Who are we?

Diversity Mining Laboratory at Nagasaki University, led by Prof. Tomonari Masada, is a vigorous community working in data mining.
Our aim is to explore and organize the content diversity latent in massive data for helping people to have a better insight on the data.
We apply various probabilistic modeling techniques, especially Topic Modeling, to achieve our aim.

Our Research Topics

This work tried to extract latent topic transitions from linked documents as a single transition matrix between latent topics.
The paper was accepted as a short paper for CIKM 2012.
- The original long version of the paper is available at here.
This is a joint work with Prof. Atsuhiro Takasu in NII.

Clustering of pixel columns and pixel rows	of hand-written digit images





This is a visualization of clustering [Masada+ ICONIP2013]. The result given above is obtained for the MNIST dataset.	Black pixels are the pixels detected as irrelevant by our method. We can use clustering results for classifying test images.

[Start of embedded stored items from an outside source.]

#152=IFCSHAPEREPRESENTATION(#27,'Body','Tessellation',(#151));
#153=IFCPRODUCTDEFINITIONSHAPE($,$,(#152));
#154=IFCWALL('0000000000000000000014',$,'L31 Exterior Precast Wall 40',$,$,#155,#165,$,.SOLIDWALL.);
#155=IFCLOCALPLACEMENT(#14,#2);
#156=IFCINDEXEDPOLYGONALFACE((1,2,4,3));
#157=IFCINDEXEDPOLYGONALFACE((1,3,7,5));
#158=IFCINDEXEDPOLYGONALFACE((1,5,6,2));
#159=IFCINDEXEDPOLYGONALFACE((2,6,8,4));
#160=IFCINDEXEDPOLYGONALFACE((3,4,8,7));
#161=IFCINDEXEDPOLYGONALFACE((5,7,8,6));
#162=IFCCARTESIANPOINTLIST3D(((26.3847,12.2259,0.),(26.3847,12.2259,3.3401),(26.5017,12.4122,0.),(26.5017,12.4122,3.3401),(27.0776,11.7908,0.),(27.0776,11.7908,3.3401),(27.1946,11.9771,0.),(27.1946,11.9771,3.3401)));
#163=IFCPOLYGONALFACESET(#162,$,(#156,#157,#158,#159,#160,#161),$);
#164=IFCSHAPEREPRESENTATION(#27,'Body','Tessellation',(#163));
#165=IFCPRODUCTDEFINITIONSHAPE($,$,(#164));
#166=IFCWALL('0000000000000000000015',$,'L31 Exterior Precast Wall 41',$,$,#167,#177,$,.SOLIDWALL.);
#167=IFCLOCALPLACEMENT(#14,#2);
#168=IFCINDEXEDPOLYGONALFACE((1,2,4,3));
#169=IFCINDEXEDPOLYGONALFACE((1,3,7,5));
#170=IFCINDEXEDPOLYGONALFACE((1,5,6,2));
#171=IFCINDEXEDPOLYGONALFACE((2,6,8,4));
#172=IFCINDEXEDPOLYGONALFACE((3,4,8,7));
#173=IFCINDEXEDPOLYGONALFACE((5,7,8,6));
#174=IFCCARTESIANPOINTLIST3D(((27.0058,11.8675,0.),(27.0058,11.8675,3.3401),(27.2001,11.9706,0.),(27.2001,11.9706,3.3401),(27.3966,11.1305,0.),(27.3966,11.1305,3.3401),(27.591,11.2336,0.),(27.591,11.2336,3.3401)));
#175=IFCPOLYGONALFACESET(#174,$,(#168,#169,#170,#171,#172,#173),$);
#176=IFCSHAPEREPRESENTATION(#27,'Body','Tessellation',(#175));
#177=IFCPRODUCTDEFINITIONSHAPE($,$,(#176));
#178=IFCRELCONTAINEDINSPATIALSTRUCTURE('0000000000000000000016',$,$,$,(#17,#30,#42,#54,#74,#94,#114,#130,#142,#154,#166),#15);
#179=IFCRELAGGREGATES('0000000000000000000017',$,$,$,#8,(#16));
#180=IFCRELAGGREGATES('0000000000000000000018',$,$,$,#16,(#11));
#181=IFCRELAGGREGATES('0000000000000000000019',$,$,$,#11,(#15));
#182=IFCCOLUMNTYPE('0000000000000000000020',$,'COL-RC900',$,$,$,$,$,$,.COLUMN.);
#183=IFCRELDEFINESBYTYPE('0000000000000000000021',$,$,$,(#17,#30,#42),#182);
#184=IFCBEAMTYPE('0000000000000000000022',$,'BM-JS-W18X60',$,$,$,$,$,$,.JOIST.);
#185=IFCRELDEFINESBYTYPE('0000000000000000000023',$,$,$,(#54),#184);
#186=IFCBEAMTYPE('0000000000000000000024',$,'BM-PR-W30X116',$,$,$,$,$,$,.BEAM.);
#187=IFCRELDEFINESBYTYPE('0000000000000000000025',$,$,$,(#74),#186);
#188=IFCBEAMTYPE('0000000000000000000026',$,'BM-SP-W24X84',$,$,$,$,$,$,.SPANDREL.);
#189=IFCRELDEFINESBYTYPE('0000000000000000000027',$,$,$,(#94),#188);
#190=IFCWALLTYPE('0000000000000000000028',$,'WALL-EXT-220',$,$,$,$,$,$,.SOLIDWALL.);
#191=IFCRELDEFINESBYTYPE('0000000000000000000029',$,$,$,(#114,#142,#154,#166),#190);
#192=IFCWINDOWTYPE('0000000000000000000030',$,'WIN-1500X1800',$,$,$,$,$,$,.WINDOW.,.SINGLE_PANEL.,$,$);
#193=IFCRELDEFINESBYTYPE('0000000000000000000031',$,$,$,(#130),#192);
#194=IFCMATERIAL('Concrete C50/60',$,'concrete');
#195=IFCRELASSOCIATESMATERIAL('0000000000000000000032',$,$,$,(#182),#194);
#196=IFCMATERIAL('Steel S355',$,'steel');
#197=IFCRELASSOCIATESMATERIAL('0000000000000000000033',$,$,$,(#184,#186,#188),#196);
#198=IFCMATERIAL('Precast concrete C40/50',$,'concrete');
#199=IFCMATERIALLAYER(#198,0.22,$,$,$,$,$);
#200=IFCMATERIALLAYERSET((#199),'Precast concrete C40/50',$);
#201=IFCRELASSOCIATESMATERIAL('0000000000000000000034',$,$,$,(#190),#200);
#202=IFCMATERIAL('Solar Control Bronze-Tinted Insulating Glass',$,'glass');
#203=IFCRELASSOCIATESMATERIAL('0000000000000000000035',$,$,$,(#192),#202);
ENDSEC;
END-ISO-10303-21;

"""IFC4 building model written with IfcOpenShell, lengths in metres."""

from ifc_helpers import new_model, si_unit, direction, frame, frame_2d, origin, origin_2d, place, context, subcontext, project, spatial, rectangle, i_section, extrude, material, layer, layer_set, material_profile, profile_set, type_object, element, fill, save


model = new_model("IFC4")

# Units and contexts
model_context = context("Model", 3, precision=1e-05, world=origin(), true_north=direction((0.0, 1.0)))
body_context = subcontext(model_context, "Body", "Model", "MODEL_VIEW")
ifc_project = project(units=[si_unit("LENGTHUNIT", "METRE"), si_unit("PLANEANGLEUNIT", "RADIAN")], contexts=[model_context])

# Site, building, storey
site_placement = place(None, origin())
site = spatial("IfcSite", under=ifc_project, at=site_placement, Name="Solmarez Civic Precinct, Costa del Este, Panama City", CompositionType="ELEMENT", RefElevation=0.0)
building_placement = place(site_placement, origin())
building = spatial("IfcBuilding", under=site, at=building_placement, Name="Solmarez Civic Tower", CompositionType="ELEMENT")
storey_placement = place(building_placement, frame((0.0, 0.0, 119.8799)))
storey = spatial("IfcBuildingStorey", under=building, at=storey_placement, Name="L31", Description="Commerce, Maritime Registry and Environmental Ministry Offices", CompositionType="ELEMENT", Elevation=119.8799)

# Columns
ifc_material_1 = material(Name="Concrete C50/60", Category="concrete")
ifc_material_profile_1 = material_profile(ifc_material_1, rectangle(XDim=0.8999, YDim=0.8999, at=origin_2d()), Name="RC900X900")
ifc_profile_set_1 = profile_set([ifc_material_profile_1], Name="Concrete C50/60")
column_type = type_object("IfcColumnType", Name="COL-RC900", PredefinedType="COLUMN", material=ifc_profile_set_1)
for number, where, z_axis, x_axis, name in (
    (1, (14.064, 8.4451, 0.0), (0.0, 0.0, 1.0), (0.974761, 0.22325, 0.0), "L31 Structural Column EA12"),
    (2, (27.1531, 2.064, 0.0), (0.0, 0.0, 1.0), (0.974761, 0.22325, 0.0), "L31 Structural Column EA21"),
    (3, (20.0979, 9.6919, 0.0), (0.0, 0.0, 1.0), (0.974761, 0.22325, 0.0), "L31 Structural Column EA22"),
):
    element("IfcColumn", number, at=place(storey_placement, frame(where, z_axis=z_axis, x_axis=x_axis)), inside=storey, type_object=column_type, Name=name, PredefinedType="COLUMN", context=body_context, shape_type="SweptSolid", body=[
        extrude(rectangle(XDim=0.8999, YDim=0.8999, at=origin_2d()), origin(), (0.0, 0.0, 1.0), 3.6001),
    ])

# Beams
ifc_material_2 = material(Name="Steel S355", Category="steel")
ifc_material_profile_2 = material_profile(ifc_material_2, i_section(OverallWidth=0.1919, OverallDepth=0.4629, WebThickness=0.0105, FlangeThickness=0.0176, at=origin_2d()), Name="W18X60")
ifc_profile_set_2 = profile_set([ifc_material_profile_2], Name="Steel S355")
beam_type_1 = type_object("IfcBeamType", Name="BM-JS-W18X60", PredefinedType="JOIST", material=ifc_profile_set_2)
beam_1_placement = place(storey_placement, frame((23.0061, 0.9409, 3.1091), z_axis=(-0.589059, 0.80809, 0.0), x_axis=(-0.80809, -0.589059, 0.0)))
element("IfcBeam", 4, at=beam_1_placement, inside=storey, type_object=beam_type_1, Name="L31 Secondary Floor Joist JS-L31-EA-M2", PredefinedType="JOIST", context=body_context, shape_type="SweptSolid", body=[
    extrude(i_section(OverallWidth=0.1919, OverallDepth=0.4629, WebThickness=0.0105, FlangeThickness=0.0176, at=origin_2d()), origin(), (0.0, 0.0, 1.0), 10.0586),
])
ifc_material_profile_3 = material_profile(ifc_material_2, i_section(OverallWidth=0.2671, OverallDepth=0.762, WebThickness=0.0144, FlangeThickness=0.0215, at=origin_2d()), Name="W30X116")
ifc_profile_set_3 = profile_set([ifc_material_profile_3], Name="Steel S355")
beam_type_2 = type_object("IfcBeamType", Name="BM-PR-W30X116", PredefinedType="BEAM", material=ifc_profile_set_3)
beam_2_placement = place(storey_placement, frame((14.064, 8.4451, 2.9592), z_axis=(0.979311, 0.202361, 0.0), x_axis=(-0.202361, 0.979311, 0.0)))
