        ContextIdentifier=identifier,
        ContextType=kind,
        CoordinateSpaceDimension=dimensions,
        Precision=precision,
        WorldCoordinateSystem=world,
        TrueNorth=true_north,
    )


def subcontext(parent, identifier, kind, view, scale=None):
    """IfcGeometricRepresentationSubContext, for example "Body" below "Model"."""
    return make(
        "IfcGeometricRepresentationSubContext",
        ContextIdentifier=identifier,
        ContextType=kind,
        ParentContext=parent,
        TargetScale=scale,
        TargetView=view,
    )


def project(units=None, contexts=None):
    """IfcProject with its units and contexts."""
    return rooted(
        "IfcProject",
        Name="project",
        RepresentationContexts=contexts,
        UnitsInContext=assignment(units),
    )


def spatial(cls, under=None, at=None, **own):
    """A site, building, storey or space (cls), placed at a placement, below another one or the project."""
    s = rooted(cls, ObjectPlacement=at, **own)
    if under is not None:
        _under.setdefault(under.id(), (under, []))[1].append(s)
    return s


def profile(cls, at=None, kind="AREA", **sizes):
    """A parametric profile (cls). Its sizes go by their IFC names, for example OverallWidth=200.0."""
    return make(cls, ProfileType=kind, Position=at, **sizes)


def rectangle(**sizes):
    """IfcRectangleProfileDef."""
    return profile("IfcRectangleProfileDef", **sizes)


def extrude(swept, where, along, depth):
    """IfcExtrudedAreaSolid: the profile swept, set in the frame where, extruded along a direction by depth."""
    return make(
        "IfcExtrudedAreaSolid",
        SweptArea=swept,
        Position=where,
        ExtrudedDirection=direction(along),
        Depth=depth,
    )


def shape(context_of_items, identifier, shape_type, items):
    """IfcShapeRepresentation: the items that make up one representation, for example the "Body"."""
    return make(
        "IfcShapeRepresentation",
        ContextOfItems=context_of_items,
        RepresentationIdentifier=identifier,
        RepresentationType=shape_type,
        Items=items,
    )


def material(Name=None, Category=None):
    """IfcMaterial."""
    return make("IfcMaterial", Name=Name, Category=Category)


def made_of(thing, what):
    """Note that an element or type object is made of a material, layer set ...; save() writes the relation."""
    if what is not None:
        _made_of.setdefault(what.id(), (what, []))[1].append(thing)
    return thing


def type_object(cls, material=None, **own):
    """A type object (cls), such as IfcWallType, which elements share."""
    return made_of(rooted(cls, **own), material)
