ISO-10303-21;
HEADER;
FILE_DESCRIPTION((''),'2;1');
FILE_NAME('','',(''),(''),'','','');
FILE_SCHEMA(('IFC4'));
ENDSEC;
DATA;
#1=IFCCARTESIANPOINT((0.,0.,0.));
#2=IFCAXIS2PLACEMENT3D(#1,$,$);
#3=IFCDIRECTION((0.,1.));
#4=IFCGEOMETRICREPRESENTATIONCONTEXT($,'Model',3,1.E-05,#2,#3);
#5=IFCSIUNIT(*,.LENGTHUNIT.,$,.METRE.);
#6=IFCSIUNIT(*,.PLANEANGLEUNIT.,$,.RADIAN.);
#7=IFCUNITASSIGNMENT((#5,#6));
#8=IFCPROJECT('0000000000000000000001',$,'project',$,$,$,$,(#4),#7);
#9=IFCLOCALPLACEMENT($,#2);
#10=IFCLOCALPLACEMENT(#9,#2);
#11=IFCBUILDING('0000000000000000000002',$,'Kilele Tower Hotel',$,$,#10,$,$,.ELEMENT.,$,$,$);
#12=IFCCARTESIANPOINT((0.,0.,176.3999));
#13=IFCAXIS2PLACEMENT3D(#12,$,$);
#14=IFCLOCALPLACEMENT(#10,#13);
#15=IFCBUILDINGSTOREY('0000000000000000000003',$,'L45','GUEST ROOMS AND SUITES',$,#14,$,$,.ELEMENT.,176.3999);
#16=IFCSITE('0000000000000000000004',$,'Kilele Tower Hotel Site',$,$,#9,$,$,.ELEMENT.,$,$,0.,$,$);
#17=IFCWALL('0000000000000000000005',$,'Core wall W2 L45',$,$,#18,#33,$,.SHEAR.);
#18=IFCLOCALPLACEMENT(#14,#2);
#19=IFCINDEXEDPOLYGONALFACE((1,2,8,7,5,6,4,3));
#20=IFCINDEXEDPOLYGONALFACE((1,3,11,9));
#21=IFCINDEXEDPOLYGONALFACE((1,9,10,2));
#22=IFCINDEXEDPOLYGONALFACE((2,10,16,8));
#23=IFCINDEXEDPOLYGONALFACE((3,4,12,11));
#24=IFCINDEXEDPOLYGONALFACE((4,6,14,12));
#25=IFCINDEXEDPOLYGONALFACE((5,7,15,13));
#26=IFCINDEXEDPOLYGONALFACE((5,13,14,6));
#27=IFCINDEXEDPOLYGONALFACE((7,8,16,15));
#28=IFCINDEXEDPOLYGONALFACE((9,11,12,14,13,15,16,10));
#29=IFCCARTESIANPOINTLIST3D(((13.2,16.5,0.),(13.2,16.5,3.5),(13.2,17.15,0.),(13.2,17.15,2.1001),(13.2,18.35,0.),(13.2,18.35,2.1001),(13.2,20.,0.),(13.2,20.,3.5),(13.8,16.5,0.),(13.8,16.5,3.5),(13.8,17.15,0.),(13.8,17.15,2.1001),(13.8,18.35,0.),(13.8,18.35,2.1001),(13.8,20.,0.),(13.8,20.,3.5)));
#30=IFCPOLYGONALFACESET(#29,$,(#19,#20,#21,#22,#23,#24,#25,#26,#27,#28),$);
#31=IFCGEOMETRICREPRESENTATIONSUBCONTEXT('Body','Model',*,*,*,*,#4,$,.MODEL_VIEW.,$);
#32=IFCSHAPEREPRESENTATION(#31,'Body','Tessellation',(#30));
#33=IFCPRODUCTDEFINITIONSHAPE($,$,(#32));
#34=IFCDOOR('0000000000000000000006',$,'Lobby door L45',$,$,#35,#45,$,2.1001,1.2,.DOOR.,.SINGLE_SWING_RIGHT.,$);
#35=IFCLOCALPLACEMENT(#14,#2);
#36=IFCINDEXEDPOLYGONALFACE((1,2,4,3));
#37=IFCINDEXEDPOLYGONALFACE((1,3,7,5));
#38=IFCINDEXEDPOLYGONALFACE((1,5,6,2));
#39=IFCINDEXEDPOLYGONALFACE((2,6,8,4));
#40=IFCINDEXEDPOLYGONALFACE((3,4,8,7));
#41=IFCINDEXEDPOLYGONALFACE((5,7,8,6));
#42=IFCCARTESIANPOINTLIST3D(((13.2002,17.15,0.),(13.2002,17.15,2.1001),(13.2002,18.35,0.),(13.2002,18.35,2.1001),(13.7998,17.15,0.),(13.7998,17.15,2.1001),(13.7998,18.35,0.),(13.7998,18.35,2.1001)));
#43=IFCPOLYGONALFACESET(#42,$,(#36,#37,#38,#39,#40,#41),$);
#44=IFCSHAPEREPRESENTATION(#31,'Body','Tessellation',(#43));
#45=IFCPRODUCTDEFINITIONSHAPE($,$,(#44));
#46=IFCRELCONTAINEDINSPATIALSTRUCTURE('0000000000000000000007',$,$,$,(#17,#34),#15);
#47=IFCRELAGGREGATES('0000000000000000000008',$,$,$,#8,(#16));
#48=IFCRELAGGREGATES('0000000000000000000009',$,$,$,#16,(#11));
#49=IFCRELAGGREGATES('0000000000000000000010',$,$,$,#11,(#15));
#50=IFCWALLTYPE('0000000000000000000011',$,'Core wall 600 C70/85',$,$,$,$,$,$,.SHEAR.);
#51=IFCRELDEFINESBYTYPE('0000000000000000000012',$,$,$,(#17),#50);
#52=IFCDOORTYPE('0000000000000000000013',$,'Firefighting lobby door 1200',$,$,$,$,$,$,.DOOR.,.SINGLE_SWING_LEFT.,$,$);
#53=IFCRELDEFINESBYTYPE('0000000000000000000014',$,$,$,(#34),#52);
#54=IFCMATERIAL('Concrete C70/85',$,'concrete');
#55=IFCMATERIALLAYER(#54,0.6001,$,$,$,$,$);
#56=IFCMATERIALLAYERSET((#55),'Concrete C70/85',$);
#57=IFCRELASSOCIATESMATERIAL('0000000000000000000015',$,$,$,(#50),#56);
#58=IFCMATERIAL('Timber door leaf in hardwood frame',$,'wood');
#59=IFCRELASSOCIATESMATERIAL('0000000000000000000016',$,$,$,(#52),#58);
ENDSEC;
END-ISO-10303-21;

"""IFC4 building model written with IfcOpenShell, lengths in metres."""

from ifc_helpers import new_model, si_unit, direction, frame, frame_2d, origin, place, context, subcontext, project, spatial, rectangle, extrude, material, layer, layer_set, type_object, element, fill, save


model = new_model("IFC4")

# Units and contexts
model_context = context("Model", 3, precision=1e-05, world=origin(), true_north=direction((0.0, 1.0)))
body_context = subcontext(model_context, "Body", "Model", "MODEL_VIEW")
ifc_project = project(units=[si_unit("LENGTHUNIT", "METRE"), si_unit("PLANEANGLEUNIT", "RADIAN")], contexts=[model_context])

# Site, building, storey
site_placement = place(None, origin())
site = spatial("IfcSite", under=ifc_project, at=site_placement, Name="Kilele Tower Hotel Site", CompositionType="ELEMENT", RefElevation=0.0)
building_placement = place(site_placement, origin())
building = spatial("IfcBuilding", under=site, at=building_placement, Name="Kilele Tower Hotel", CompositionType="ELEMENT")
storey_placement = place(building_placement, frame((0.0, 0.0, 176.3999)))
storey = spatial("IfcBuildingStorey", under=building, at=storey_placement, Name="L45", Description="GUEST ROOMS AND SUITES", CompositionType="ELEMENT", Elevation=176.3999)

# Shared definitions
ifc_material_1 = material(Name="Concrete C70/85", Category="concrete")
ifc_layer = layer(ifc_material_1, 0.6001)
ifc_layer_set = layer_set([ifc_layer], Name="Concrete C70/85")
wall_type = type_object("IfcWallType", Name="Core wall 600 C70/85", PredefinedType="SHEAR", material=ifc_layer_set)
ifc_material_2 = material(Name="Timber door leaf in hardwood frame", Category="wood")
door_type_1 = type_object("IfcDoorType", Name="Firefighting lobby door 1200", OperationType="SINGLE_SWING_LEFT", PredefinedType="DOOR", material=ifc_material_2)

# Wall, opening, door
wall_1_placement = place(storey_placement, frame((13.5, 20.0, 0.0), z_axis=(0.0, 0.0, 1.0), x_axis=(0.0, -1.0, 0.0)))
wall_1 = element("IfcWall", 1, at=wall_1_placement, inside=storey, type_object=wall_type, Name="Core wall W2 L45", PredefinedType="SHEAR", context=body_context, shape_type="SweptSolid", body=[
    extrude(rectangle(XDim=3.5, YDim=0.6001, at=frame_2d((1.75, 0.0))), origin(), (0.0, 0.0, 1.0), 3.5),
])
opening_1_placement = place(wall_1_placement, frame((1.6499, 0.0, 0.0)))
opening_1 = element("IfcOpeningElement", 2, at=opening_1_placement, cuts=wall_1, PredefinedType="OPENING", context=body_context, shape_type="SweptSolid", body=[
    extrude(rectangle(XDim=1.2, YDim=2.1001, at=frame_2d((0.6001, 1.05))), frame((0.0, 0.3101, 0.0), z_axis=(0.0, -1.0, 0.0), x_axis=(1.0, 0.0, 0.0)), (0.0, 0.0, 1.0), 0.6201),
])
door_1_placement = place(opening_1_placement, origin())
door_1 = element("IfcDoor", 3, at=door_1_placement, inside=storey, type_object=door_type_1, Name="Lobby door L45", OperationType="SINGLE_SWING_RIGHT", OverallHeight=2.1001, OverallWidth=1.2, PredefinedType="DOOR", context=body_context, shape_type="SweptSolid", body=[
    extrude(rectangle(XDim=1.2, YDim=2.1001, at=frame_2d((0.6001, 1.05))), frame((0.0, 0.2998, 0.0), z_axis=(0.0, -1.0, 0.0), x_axis=(1.0, 0.0, 0.0)), (0.0, 0.0, 1.0), 0.5996),
])
fill(opening_1, door_1)

save(model, "model.ifc")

visual topics extracted by our GPU-based implementation of collapsed variational Bayesian inference for LDA

We implement CVB for LDA with CUDA [Masada+ IEA/AIE2009] and run an inference over 32,000 images.
- This is a subset of Tiny Images dataset^[1] .
Here we give the topic extraction results only for tens of images. The full set of results can be browsed at this Web page.
Gray scale pixel values show topic probabilities at each pixel in each image.

We propose a completely new citation segmentation method based on a proposal by Chen et al.^[2]
- Generalized Mallows model is used effectively for extending LDA to realize topic sequence mining.
We proposed an unsupervised method [Masada+ WISS2010] and its semi-supervised version [Masada+ ICADL2011].
- The above figure presents a segmentation example obtained by our semi-supervised segmentation.
This is a joint work with Prof. Atsuhiro Takasu in NII.

vanilla LDA

We propose two methods, i.e., LYNDA and BToT, for extracting topical trends from a document set.
The three figures above give the results obtained by LDA, LYNDA[Masada+ CIKM2009], and BToT[Masada+ ISNN2010].
- Each colored region corresponds to a different topic.
- Vertical axis represents document dates ranging from Jan. 1, 2002 to Dec. 31, 2005.
- Horizontal axis represents topic popularity at each date.
- The analyzed data is a set of Yomiuri newspaper articles.
- This is a joint research with Prof. Atsuhiro Takasu in NII.

We propose a new topic model [Masada+ PAKDD2011] for extracting temporal transitions of word probabilities for each topic.
Our model is extended for parallel corpus analysis and is applied to Chinese-English abstracts of computer science papers.
- The years of the abstracts range from 2000 to 2009.
- We only show five among tens of the extracted topics.
- Each topic is represented by the top three Chinese and English words of large probability in each year.
- No Chinese-English dictionaries are used.
- This is a joint research with Prof. Atsuhiro Takasu in NII. The dataset was collected and cleaned up by Haipeng Zhang.

^ A. Torralba and R. Fergus and W. T. Freeman. Tiny Images. MIT-CSAIL-TR-2007-024, 2007.
^ H. Chen, S.R.K. Branavan, R. Barzilay, D.R. Karger. Global Models of Document Structure Using Latent Permutations. NAACL/HLT 2009.